6 September 2012

Modelling dates in Neo4j

Whether you're dealing with people, products or places, it's generally reasonable to assume that the information you store in your database in some way involves dates and times. Since no native date or time data types are supported by Neo4j, the question of how best to store this information has come up several times in the community mailing list. The general answer to this question has been to use a numeric or textual property value and each of these styles obviously has individual pros and cons. Focusing simply on date information, this article discusses some of the options which can be used, their relative advantages and disadvantages, and introduces a uniquely graph-based solution.

Arguably the simplest approach is to use a textual property value to hold a date. There are of course numerous ways to format a date internationally but the widely accepted common format for computer systems is ISO 8601. For those unfamiliar with this format, the date components are represented in descending order of magnitude, separated by dashes. This means that Christmas Day, 2000 becomes "2000-12-25". This method has the distinct advantage of being both human-readable and incredibly portable although is subject to performance concerns when comparisons and sorting are involved: string comparisons are notoriously more resource intensive than numeric comparisons. In addition, some level of validation is required to ensure that erroneous values are not stored, be they completely invalidly formatted, such as "2000/12/25th" or simply outside of permitted ranges, such as "2000-12-47".

A natural twist on the ISO 8601 format is to simply represent the same date components within an eight digit integer. Here, "2000-12-25" becomes 20001225 and this of course brings benefits in both sorting and validation. While invalid formats can no longer be represented, out of range values still can (20001247). There is also a temptation to try to perform arithmetic on integer values but clearly 20010131 – 20001225 does not represent the number of days between Christmas Day 2000 and the end of January the following year. This model is still of limited use.

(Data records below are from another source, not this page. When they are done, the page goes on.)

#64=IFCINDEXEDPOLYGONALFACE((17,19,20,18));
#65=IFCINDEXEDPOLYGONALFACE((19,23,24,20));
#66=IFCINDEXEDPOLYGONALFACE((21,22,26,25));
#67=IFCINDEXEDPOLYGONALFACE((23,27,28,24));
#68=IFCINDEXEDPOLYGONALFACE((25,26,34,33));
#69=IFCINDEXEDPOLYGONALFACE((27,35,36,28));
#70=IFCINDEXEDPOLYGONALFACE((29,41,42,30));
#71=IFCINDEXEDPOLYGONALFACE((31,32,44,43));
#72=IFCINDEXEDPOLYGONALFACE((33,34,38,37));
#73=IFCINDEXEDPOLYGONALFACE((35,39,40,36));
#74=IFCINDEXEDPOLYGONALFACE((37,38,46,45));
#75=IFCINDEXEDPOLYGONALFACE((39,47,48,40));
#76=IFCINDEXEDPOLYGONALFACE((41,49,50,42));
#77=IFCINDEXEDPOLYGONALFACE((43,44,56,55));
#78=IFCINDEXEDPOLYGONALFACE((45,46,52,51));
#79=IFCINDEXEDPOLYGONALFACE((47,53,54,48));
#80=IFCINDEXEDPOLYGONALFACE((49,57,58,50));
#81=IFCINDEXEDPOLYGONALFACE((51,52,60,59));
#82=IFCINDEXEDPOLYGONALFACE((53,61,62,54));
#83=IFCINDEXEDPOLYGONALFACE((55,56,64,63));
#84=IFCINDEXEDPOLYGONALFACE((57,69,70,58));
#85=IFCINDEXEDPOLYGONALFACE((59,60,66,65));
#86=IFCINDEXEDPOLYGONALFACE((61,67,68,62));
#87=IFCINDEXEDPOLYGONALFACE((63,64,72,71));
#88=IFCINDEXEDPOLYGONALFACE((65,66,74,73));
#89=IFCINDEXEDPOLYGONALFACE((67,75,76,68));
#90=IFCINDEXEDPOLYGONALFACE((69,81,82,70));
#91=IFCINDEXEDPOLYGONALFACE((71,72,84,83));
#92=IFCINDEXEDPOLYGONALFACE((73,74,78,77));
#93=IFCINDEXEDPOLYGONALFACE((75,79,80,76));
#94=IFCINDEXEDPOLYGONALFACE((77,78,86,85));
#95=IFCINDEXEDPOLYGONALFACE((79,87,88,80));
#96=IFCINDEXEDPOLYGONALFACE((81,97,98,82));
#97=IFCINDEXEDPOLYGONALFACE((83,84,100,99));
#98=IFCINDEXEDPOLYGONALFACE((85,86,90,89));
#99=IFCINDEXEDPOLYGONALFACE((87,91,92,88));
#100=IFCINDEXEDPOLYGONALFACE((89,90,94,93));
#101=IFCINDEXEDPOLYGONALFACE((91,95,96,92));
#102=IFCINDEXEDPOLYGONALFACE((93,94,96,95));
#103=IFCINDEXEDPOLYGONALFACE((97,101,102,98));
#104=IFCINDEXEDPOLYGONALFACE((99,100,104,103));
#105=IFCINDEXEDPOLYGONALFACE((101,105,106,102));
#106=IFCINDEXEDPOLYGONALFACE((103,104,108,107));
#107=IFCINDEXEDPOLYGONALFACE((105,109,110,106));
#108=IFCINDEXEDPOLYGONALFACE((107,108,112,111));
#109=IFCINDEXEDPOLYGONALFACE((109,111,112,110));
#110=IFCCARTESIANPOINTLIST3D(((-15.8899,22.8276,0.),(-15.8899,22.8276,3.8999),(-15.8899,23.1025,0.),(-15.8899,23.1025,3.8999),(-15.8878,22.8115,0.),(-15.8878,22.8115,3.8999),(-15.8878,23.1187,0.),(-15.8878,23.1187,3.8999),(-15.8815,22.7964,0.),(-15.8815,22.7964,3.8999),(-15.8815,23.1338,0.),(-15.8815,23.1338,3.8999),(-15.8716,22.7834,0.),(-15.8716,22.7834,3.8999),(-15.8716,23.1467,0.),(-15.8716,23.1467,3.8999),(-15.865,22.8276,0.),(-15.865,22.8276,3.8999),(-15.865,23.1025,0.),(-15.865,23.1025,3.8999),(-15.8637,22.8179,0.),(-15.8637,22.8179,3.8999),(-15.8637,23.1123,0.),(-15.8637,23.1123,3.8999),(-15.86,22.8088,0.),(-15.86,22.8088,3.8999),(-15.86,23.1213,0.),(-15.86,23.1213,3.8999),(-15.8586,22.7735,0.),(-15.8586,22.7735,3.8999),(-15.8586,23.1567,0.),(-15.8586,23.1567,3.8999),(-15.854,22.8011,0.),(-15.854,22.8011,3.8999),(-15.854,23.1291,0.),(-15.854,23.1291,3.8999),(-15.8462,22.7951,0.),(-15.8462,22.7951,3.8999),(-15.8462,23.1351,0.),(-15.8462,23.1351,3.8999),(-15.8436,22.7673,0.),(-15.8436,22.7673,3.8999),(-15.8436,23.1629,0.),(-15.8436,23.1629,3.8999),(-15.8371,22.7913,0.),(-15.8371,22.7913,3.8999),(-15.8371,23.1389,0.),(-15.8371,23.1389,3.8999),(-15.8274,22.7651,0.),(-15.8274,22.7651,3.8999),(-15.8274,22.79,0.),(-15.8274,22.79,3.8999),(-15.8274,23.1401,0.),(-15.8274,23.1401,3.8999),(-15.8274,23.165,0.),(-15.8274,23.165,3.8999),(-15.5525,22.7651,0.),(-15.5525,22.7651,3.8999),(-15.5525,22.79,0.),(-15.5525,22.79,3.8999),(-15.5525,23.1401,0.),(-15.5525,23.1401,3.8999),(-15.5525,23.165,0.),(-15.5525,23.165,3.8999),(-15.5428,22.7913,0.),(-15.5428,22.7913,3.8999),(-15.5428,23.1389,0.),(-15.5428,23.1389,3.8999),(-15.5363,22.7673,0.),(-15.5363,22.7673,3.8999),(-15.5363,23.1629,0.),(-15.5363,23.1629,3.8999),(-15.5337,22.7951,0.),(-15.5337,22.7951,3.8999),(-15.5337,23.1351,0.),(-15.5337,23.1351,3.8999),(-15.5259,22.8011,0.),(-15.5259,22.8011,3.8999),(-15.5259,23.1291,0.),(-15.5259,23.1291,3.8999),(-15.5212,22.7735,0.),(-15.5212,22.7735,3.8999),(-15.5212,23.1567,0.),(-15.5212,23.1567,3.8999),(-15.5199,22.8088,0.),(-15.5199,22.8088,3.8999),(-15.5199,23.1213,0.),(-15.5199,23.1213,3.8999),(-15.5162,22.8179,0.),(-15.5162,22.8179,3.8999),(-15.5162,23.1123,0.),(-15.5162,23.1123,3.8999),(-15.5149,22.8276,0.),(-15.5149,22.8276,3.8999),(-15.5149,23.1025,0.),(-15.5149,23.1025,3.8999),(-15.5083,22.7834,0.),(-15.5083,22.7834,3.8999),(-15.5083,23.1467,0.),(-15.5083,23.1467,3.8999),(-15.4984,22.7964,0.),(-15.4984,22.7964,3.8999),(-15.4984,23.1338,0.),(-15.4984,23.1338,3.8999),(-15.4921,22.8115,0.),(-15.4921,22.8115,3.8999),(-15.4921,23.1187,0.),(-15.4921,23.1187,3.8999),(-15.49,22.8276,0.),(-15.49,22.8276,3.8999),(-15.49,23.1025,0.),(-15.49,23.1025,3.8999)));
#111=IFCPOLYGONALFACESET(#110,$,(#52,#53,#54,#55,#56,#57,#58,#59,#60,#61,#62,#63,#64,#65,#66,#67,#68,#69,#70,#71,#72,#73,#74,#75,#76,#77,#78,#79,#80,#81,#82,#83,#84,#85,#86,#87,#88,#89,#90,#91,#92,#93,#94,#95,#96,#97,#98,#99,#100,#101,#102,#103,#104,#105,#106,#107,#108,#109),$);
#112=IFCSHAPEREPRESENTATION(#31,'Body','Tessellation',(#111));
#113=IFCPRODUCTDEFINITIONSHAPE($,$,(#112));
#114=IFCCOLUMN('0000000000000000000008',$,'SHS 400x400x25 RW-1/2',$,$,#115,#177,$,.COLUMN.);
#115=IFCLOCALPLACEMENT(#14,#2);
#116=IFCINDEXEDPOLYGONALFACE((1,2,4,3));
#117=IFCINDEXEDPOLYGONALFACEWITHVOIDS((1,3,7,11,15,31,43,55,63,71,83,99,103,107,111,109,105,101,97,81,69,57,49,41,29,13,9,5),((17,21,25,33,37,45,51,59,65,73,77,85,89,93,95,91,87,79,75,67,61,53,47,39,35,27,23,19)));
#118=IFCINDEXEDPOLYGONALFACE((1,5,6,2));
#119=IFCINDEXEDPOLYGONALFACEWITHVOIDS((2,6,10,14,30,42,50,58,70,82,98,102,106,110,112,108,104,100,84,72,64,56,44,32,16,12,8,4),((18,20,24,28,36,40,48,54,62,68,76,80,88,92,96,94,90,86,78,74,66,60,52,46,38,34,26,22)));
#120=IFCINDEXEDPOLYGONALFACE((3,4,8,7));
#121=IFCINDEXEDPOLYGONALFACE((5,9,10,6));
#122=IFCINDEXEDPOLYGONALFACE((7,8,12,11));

An alternative numeric representation is the Unix timestamp. This value stores the total amount of elapsed time between 1970-01-01 (the Unix epoch) and the date represented and, by doing so, allows date arithmetic to be carried out correctly. The only real downside to this representation is a lack of human readabilty and potential portability issues (although since most computer systems have recognised Unix timestamps for a long time, this issue is probably completely academic).

Within Neo4j however, we have another option for storing date information. We can give each individual date value its own node and hold these together in a hierarchical subgraph to give them meaning. As a very small example, the three days between 24th and 26th December inclusive could be held in the following tree:


Not only does this allow us to give meaningful structure to the dates themselves but it provides a facility by which we can represent date-bound events using a relationship instead of a property. We could indicate that a person was born on a particular day using a "BORN_ON" type relationship or show when an order was completed with a "COMPLETED_ON" relationship. The temporal information becomes part of the shape and structure of the graph rather than simply being a flat value.

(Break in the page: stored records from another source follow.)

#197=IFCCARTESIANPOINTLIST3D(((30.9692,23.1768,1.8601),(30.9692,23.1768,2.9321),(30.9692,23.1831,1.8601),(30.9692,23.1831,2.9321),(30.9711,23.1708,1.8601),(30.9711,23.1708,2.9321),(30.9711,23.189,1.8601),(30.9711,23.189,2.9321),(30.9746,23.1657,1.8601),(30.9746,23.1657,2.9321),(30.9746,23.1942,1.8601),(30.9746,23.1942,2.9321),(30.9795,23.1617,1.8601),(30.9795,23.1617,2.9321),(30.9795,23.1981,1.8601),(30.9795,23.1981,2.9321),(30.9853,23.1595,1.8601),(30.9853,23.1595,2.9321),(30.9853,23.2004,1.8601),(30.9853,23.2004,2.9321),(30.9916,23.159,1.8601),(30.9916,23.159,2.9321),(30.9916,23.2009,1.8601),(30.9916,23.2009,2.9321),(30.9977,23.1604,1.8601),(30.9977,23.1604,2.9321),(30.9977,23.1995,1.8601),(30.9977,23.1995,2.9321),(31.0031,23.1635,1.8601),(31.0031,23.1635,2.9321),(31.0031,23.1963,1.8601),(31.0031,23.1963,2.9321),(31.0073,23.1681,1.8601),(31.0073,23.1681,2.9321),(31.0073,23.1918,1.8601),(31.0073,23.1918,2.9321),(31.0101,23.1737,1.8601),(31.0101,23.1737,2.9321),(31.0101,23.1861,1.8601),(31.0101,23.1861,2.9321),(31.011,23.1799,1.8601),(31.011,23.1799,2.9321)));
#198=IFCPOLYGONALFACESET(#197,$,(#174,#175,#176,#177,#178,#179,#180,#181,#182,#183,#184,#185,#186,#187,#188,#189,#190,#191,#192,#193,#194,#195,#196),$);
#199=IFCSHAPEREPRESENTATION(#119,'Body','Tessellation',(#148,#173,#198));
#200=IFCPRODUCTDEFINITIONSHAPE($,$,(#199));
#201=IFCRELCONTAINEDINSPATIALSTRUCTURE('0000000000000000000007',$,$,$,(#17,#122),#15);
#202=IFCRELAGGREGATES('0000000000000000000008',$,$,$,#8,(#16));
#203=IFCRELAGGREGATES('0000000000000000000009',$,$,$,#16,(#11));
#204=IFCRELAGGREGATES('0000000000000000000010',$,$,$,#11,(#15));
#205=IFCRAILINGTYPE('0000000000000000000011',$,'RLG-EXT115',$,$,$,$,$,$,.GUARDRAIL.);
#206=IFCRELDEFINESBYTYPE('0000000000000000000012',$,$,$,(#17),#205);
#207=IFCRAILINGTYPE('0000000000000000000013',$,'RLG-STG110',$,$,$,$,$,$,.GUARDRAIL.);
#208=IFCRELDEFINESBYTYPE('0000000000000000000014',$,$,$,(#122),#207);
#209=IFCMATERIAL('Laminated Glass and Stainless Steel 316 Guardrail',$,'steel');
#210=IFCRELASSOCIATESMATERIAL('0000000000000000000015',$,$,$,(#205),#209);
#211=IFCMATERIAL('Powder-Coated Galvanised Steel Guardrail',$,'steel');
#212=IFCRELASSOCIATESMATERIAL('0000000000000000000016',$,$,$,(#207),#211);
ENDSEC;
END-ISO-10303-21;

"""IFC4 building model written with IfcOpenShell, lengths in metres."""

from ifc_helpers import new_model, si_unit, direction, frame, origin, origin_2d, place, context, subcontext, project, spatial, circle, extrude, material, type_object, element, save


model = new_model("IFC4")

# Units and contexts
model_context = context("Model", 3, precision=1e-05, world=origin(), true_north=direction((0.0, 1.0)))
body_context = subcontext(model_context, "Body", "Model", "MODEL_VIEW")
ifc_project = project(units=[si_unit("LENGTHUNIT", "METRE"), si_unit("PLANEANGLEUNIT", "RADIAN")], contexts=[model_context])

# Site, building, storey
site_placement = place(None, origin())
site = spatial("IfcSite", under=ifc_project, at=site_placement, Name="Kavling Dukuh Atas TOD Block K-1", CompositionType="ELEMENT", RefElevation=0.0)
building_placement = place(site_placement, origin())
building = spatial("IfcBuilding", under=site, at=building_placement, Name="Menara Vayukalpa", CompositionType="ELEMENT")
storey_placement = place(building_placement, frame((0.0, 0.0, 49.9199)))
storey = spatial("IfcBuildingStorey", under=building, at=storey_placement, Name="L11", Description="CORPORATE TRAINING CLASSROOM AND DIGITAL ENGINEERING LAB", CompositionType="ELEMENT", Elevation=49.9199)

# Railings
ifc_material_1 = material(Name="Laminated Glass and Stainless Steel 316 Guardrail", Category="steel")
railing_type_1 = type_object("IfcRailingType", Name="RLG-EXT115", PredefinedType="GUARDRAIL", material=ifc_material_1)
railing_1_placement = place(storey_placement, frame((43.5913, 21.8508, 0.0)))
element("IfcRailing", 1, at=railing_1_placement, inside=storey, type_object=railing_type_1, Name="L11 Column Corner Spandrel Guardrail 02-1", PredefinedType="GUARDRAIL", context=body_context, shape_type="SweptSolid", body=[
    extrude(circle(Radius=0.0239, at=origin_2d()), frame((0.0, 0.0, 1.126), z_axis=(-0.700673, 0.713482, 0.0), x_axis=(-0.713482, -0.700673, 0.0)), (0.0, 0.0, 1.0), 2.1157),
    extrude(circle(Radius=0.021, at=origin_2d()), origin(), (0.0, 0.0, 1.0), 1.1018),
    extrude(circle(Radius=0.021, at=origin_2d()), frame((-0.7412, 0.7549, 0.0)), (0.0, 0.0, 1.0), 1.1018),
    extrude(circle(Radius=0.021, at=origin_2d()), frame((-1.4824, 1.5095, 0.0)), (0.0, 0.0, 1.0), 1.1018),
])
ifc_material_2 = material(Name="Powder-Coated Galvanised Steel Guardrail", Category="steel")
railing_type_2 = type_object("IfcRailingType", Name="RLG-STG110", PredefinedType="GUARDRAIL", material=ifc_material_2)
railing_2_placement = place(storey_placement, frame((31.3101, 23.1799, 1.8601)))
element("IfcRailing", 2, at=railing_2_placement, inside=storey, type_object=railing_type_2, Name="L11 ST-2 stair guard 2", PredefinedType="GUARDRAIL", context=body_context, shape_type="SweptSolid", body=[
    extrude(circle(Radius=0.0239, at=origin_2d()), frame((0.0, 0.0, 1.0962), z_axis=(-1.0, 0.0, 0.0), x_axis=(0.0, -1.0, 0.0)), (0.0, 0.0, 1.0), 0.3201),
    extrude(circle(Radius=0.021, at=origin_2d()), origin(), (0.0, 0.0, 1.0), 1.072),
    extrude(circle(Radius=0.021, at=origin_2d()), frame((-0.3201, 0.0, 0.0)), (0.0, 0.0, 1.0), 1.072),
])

With this mechanism we can of course also store extra information within the calendar tree. We may choose to store Unix timestamps as properties within the "day" nodes or assign names to days or months. We could also link certain days to a dedicated "weekend" or "bank holiday" node so that such days become easier to find and for sparsely populated calendars (such as those within a family tree) we only have to store the dates in which we are interested.

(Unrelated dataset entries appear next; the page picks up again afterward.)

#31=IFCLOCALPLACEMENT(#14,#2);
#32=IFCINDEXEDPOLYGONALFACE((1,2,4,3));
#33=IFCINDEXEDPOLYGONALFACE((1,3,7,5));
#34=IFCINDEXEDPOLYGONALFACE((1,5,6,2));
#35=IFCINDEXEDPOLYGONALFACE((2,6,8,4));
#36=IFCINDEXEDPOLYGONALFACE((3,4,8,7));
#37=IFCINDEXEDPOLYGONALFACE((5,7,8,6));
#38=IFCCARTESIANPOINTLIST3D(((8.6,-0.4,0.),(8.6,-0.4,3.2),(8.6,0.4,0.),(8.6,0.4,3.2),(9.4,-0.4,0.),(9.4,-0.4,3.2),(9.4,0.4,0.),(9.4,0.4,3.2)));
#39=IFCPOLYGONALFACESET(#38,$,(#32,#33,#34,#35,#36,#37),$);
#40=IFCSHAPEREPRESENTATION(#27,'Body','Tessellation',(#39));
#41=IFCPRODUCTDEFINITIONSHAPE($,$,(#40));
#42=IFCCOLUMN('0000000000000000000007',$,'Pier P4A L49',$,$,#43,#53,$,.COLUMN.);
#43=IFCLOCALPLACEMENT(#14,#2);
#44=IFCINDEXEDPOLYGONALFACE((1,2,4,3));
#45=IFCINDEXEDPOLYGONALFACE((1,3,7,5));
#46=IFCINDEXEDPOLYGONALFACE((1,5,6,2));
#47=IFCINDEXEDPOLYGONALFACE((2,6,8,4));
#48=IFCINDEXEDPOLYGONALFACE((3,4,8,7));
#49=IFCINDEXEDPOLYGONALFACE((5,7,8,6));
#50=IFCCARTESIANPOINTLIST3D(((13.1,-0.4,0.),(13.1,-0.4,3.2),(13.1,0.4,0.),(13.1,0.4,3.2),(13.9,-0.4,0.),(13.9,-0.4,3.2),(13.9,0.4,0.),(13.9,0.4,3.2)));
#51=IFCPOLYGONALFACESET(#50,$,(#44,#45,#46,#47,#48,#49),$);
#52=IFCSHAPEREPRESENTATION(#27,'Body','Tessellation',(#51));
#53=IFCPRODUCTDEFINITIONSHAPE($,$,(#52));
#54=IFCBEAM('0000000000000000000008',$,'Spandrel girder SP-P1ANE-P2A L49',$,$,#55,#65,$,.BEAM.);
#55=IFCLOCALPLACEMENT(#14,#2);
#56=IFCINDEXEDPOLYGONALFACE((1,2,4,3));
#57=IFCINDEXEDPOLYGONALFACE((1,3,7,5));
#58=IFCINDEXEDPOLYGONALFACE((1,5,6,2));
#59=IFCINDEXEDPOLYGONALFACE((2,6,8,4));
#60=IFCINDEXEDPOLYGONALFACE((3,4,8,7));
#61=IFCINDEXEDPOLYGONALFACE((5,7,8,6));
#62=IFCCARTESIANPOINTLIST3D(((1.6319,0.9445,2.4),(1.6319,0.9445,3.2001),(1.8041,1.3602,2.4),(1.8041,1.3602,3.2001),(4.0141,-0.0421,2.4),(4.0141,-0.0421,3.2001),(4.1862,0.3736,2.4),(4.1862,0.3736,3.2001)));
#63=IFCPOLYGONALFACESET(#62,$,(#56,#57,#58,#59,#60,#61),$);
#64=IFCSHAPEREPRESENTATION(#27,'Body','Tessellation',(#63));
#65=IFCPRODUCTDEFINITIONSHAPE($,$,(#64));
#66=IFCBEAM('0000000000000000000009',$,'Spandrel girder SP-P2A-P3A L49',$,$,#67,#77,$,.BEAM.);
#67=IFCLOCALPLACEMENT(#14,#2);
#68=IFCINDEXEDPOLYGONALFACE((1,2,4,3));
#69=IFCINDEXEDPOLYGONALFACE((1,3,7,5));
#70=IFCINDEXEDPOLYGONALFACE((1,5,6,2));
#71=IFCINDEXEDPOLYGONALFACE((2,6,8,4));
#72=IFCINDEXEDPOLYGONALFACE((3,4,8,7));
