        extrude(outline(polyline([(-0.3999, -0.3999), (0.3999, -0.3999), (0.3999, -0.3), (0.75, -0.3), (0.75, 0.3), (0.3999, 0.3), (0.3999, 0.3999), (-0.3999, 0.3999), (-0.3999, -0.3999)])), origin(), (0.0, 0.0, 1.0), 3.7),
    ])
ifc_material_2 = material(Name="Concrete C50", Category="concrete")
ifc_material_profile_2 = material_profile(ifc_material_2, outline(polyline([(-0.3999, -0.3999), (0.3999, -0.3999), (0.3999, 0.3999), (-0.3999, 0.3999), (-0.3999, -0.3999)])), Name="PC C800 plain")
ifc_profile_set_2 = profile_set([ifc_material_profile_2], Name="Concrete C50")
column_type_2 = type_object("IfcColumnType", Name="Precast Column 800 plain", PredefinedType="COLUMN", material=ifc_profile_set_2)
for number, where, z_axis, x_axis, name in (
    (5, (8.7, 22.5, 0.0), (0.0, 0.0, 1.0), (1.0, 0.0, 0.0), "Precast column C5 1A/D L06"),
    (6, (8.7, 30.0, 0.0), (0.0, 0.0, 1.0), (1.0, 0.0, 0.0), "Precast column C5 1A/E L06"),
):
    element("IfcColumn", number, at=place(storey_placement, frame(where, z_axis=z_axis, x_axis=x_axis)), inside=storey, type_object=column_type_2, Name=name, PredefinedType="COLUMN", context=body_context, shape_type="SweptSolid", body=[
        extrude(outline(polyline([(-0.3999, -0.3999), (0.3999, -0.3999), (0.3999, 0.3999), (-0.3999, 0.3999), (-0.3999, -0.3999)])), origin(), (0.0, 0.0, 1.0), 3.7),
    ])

Building and using a calendar tree of this type in Neo4j has become somewhat easier with the introduction of Cypher's CREATE UNIQUE (née RELATE) clauses. This can ensure that we are reusing entities whenever possible and, with the new wrapper function get_or_create_path now available in py2neo 1.3.2, implementation becomes trivial.

The code below describes a simple GregorianCalendar class containing a method to select individual date nodes. These nodes can then be used as relationship endpoints for any date information.
class GregorianCalendar(object):

    def __init__(self, graph_db, calendar_index_name="CALENDARS"):
        # store a handle to the graph database we are working on
        self._graph_db = graph_db
        # retain a handle to the root node for this calendar
        self._calendar = self._graph_db.get_or_create_indexed_node(
            calendar_index_name, "scheme", "Gregorian",
        )
    
    def day(self, year, month, day):
        # fetch the full date path from the calendar root through the YEAR,
        # MONTH and DAY relationships, building this path if necessary; for
        # example:
        #   (CAL)-[:YEAR]->(2000)-[:MONTH]->(12)-[:DAY]->(25)
        date_path = self._calendar.get_or_create_path(
            ("YEAR",  {"number": year}),
            ("MONTH", {"number": month}),
            ("DAY",   {"number": day}),
        )
        # return the last node of the date path, i.e. the node
        # representing the "day"
        return date_path.nodes[-1]

While a calendar subgraph may not be the optimal approach for all date storage, it can certainly be useful in many situations and offers a lot of potential for expansion both with the properties stored against each date and with options to represent further date-related concepts such as weeks or quarters.

3 comments:

KC said...

Good job !

Stephen Souness said...

Do you think it would be a good approach to use the node approach and include a unix style timestamp as a property of the day node?

Nigel Small said...

Absolutely. If you use unix timestamps within your application then this is exactly the right place to put it. Presumably you would store the "midnight at start" value in there.